As always, if you want to run off and do this proof on your own, look at the statement below and then come back:
Prove that the sum of the measures of the perpendiculars from any point on a side of a rectangle to the diagonals is constant.
The animation (code here) on the right is a demonstration of what you're looking to prove (from here, once again). The red and blue segments show "all" the perpendiculars drawn to the diagonals of this rectangle as a point moves around the perimeter. The "scale" below the diagram represents the changing lengths of these perpendiculars. As you can see, the sum of these lengths is constant.
A "Staring Out the Window" Kind of Proof
I'll start in the middle. No matter where I draw a point on a rectangle, I can draw two perpendiculars—one to each diagonal—so long as I'm cool with a perpendicular that has a length of 0 at each corner.
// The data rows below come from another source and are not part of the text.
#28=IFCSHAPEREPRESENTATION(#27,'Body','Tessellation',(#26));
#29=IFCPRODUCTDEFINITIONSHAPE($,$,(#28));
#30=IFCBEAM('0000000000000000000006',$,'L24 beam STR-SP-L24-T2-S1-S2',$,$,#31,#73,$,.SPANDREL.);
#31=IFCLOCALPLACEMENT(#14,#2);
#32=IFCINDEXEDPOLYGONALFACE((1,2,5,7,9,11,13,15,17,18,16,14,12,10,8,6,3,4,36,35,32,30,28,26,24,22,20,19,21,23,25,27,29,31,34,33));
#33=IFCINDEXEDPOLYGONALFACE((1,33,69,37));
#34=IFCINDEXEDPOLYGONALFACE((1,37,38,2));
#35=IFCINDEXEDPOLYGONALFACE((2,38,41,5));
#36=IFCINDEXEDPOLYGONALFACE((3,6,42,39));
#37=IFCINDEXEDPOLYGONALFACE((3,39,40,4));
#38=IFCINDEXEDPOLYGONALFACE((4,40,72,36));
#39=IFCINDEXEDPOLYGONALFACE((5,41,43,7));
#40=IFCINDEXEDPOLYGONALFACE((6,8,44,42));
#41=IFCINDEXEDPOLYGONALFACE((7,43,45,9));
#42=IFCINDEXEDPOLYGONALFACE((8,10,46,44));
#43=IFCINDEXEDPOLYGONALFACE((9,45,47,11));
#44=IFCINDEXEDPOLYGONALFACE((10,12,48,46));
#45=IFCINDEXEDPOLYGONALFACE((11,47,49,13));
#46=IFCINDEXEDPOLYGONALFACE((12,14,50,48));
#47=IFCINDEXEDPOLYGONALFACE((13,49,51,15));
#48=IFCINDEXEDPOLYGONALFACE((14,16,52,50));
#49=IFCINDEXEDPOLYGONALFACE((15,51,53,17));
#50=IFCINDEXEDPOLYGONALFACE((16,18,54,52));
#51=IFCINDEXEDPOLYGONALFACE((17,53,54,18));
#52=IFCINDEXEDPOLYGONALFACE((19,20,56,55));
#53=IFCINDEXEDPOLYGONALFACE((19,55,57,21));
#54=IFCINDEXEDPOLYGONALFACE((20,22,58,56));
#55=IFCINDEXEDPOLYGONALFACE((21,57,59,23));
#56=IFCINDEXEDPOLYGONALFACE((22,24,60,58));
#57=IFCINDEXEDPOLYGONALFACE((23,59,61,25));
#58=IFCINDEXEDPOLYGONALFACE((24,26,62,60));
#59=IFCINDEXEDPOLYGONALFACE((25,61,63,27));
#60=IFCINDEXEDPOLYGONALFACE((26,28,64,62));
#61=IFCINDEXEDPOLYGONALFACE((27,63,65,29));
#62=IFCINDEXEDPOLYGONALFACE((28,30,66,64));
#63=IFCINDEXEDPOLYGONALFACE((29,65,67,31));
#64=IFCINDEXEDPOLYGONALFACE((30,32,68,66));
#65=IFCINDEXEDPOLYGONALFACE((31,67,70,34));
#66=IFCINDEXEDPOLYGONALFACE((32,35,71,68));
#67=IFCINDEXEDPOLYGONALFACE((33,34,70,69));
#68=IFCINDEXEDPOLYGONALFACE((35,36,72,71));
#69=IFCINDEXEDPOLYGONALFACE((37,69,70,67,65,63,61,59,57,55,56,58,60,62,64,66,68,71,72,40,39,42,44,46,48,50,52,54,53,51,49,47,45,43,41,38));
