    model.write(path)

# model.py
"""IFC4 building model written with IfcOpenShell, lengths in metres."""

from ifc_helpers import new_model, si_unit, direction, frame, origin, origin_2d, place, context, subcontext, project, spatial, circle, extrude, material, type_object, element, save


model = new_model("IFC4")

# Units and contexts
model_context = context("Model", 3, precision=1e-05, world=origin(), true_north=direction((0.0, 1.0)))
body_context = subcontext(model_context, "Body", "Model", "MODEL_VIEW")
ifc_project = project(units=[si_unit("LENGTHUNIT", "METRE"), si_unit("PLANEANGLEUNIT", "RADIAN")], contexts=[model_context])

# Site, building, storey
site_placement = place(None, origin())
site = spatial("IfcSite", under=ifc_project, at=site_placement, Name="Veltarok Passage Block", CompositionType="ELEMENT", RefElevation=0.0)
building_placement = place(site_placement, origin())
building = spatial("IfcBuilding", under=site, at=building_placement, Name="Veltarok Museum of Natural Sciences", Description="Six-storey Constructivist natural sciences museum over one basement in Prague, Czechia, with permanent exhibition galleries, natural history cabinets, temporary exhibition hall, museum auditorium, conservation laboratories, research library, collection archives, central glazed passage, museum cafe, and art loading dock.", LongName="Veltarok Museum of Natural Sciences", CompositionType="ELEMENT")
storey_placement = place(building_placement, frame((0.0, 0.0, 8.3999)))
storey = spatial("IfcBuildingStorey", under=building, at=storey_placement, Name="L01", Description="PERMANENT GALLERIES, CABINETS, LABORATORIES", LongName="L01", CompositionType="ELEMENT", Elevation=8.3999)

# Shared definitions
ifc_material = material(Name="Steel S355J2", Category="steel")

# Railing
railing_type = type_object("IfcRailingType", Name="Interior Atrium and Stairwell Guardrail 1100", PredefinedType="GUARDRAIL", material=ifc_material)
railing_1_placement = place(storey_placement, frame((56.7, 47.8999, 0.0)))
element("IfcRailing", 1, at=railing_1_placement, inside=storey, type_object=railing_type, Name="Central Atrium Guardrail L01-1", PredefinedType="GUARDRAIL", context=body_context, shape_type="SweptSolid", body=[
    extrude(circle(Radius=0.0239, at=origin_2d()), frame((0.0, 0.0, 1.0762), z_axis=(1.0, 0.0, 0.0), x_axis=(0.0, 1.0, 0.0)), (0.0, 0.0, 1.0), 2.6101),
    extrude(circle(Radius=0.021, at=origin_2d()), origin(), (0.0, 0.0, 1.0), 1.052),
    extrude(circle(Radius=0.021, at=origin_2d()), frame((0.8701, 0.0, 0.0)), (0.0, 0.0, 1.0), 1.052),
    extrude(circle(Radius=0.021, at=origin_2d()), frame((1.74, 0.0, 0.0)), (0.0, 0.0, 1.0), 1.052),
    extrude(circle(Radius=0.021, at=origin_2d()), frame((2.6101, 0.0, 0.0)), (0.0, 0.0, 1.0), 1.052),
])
And drawing that point also divides the side on which it is drawn into two segments, which I've labeled as \(\small\mathtt{w - b}\) and \(\small\mathtt{b}\) here, using \(\small\mathtt{w}\) for the width of the rectangle.
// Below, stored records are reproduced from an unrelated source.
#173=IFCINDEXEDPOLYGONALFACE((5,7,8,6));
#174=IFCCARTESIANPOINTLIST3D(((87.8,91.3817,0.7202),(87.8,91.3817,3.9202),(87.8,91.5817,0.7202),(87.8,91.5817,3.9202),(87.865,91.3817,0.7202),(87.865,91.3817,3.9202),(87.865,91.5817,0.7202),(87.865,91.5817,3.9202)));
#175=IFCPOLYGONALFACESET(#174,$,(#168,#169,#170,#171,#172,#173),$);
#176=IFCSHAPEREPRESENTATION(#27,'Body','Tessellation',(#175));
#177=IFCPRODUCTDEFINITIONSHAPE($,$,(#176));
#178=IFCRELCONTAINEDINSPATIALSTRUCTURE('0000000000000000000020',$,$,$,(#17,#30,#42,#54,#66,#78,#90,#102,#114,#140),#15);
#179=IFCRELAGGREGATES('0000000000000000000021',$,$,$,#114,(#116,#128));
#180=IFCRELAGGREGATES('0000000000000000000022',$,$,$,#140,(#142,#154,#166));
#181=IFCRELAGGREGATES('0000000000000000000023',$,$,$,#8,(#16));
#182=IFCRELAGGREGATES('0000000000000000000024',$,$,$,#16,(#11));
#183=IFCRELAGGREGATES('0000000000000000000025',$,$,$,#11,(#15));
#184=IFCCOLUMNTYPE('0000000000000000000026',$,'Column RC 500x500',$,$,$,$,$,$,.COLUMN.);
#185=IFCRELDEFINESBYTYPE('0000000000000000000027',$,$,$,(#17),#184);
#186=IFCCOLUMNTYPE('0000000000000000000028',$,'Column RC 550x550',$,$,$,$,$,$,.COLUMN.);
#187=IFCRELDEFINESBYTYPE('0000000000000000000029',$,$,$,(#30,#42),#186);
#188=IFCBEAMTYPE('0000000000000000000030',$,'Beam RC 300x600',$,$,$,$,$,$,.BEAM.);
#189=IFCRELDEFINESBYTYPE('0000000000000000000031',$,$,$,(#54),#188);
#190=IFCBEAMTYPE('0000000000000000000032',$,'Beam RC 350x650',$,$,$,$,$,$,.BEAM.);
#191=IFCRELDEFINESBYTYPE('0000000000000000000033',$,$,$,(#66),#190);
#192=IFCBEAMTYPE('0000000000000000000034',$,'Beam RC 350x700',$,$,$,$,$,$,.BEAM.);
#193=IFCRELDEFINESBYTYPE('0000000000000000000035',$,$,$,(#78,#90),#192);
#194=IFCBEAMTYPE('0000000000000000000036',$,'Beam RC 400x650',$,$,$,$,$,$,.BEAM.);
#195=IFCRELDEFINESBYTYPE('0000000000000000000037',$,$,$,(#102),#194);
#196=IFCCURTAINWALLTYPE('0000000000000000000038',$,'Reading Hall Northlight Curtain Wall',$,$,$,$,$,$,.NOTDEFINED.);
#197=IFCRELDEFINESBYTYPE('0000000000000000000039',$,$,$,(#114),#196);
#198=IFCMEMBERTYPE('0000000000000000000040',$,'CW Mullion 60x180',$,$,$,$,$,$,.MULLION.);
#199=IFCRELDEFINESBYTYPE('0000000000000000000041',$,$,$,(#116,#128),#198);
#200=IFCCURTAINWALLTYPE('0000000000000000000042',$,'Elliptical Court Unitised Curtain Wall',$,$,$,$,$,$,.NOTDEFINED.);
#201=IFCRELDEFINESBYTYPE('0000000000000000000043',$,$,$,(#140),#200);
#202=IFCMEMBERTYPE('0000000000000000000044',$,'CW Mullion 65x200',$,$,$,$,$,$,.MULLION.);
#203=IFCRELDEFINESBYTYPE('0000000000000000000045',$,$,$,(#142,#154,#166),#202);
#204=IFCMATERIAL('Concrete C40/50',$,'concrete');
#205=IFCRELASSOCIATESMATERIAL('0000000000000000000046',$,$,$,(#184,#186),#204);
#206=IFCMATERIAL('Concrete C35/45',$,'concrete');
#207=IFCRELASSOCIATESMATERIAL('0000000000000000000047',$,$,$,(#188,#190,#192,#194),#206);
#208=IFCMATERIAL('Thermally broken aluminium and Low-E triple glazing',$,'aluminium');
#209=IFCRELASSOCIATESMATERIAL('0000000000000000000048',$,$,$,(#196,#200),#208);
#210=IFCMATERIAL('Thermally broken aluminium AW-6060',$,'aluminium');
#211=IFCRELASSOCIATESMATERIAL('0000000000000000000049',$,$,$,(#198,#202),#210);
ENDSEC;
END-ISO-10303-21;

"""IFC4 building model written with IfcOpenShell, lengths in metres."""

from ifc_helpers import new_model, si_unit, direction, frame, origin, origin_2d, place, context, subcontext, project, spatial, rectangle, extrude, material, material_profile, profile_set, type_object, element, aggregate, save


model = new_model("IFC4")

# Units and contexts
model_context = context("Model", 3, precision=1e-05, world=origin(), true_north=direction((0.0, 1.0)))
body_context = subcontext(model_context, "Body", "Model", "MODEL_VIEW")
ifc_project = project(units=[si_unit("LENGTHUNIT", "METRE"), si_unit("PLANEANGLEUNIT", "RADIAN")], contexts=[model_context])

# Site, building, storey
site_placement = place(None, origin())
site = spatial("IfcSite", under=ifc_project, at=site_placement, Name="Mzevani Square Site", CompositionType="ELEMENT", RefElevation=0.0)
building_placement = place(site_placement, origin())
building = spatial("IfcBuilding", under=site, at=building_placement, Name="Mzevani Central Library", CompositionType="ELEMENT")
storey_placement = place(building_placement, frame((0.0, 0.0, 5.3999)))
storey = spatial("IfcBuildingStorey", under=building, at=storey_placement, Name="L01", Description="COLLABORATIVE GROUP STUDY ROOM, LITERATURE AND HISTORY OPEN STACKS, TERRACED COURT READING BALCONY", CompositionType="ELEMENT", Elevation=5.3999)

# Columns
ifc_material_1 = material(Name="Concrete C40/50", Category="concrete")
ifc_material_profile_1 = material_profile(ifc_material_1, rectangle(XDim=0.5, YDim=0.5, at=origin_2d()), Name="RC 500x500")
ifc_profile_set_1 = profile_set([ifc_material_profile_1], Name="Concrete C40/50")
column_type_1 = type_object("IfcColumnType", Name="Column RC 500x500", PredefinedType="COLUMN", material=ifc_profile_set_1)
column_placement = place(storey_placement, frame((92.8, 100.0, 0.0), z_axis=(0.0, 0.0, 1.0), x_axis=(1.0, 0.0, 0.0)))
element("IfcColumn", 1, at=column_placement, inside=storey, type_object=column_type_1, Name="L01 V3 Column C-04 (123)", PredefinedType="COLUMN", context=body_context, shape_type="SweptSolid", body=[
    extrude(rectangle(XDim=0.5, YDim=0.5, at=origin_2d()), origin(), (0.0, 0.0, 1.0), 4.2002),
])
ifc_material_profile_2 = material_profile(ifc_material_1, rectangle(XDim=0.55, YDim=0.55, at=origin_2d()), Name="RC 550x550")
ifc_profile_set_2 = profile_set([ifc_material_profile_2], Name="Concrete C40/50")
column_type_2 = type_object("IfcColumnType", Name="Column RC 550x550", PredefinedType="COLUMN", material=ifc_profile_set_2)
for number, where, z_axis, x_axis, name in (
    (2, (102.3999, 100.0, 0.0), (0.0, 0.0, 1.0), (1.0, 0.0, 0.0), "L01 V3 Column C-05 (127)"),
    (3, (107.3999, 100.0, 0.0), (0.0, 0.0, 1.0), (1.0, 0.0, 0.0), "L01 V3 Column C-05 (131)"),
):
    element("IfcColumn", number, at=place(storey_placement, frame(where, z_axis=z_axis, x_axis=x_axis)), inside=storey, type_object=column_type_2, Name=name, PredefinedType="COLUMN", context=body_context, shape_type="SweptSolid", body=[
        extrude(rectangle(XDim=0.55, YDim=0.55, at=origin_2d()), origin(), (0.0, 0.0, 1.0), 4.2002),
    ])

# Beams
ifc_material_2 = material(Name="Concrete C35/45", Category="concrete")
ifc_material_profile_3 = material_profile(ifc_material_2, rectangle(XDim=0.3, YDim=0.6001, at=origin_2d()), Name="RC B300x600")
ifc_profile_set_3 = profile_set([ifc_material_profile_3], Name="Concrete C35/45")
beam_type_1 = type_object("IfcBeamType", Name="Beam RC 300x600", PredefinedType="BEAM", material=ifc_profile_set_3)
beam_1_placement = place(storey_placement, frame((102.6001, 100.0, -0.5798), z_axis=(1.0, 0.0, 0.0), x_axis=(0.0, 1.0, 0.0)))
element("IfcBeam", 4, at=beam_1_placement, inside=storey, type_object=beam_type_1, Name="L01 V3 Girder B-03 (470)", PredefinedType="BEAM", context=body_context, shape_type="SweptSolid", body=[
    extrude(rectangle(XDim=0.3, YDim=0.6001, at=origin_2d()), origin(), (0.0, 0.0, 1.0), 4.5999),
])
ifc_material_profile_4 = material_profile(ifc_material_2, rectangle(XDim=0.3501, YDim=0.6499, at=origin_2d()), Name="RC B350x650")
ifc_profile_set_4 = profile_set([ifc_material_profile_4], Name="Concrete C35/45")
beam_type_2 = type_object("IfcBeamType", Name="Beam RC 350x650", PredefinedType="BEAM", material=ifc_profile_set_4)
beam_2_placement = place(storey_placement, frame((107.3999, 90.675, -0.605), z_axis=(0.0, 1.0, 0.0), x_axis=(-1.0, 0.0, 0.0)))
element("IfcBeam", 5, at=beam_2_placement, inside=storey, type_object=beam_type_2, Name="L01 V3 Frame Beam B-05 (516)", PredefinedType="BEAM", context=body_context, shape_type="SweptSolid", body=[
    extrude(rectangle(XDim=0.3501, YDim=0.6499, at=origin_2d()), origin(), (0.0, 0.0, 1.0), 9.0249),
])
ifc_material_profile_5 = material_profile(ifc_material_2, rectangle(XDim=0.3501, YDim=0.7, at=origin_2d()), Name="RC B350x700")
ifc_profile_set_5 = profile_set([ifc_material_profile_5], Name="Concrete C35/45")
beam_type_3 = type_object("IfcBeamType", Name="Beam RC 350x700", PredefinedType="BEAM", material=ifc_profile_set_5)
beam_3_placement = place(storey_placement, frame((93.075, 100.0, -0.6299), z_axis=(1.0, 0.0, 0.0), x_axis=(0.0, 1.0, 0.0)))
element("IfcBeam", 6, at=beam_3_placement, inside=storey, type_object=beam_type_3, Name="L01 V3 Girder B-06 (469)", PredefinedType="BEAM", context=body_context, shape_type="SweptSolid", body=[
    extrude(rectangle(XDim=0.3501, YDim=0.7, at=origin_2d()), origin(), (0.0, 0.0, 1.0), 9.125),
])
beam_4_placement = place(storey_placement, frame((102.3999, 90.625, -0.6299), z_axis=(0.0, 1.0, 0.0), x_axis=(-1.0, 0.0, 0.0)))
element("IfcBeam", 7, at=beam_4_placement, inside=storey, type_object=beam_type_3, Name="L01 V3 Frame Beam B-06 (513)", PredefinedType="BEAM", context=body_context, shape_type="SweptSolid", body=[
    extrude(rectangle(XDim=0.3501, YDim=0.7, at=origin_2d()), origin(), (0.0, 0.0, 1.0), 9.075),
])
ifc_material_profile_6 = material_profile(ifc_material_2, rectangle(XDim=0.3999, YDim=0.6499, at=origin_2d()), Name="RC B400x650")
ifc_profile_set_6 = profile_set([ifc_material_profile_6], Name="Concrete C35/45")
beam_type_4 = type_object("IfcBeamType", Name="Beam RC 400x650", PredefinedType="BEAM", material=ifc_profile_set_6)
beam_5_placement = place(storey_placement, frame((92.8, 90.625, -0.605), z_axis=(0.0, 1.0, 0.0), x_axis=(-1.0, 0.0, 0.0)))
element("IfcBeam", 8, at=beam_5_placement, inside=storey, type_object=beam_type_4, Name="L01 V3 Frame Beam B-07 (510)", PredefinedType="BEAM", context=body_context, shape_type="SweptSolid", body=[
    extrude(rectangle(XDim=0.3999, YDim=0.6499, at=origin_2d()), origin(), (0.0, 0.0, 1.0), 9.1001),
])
Further, I always create two similar triangles. The two right triangles with sides P1 and P2 have another pair of corresponding congruent angles, \(\small\mathtt{a}\), and are thus similar by AA Similarity.
Since this is the case, the ratios of the corresponding sides are equal, and so \(\mathtt{\frac{b}{w - b} = \frac{P1}{P2}}\). And quickly following from this, we have: \[\small\mathtt{(w - b)P1 = bP2}\] \[\small\mathtt{wP1 - bP1 = bP2}\] \[\small\mathtt{wP1 = bP1 + bP2}\] \[\small\mathtt{\color{purple}{w \cdot \frac{P1}{b} = P1 + P2}}\]
This last equation can be written as \(\small\mathtt{w \cdot sin(a) = P1 + P2}\).
Turning our attention to the height, \(\small\mathtt{h}\), of the rectangle, we can do almost exactly the same as we did with the width (and we'll reuse variables to do it). Here we've got \(\mathtt{\frac{b}{h - b} = \frac{P1}{P2}}\). This gives us, in turn, \[\small\mathtt{(h - b)P1 = bP2}\] \[\small\mathtt{hP1 - bP1 = bP2}\] \[\small\mathtt{hP1 = bP1 + bP2}\] \[\small\mathtt{\color{purple}{h \cdot \frac{P1}{b} = P1 + P2}}\]
Here, \(\mathtt{\frac{P1}{b}}\) is equal to sin(z), which is cos(a), since \(\small\mathtt{z}\) = 90\(\small\mathtt{^\circ - a}\). So, we can rewrite that last equation as \(\small\mathtt{h \cdot cos(a) = P1 + P2}\).
Now we've got \(\small\mathtt{w \cdot sin(a) = P1 + P2}\) and \(\small\mathtt{h \cdot cos(a) = P1 + P2}\). And since \(\small\mathtt{w \cdot sin(a) = h \cdot cos(a)}\) (can you see how?), we see that \(\small\mathtt{P1 + P2}\) is constant all around the rectangle. Investigating each of the remaining two sides will yield one of those two equations.
What's Missing?
There are some missing pieces, but that's okay. One of the reasons I started writing this notebook—and populating it with mostly proofs—is that I wanted to write (and write up) proofs in a way I wanted to read them: as narratives, as highly persuasive mathematical essays, in a sense. And good essays don't fill in every blank for you. No information does.
My sense is that students would have a better time with them as well. If we asked them (occasionally, not wall-to-wall pedal-to-the-metal all-grades-everywhere) to "make a case" for one geometric relationship or another, we could bridge this divide between la la la la math on the one hand and ERMAHGERD PROOF! on the other. And thinking about the goal for "case making" in this way can help us focus on good reasons for getting kids to explain themselves in earlier grades.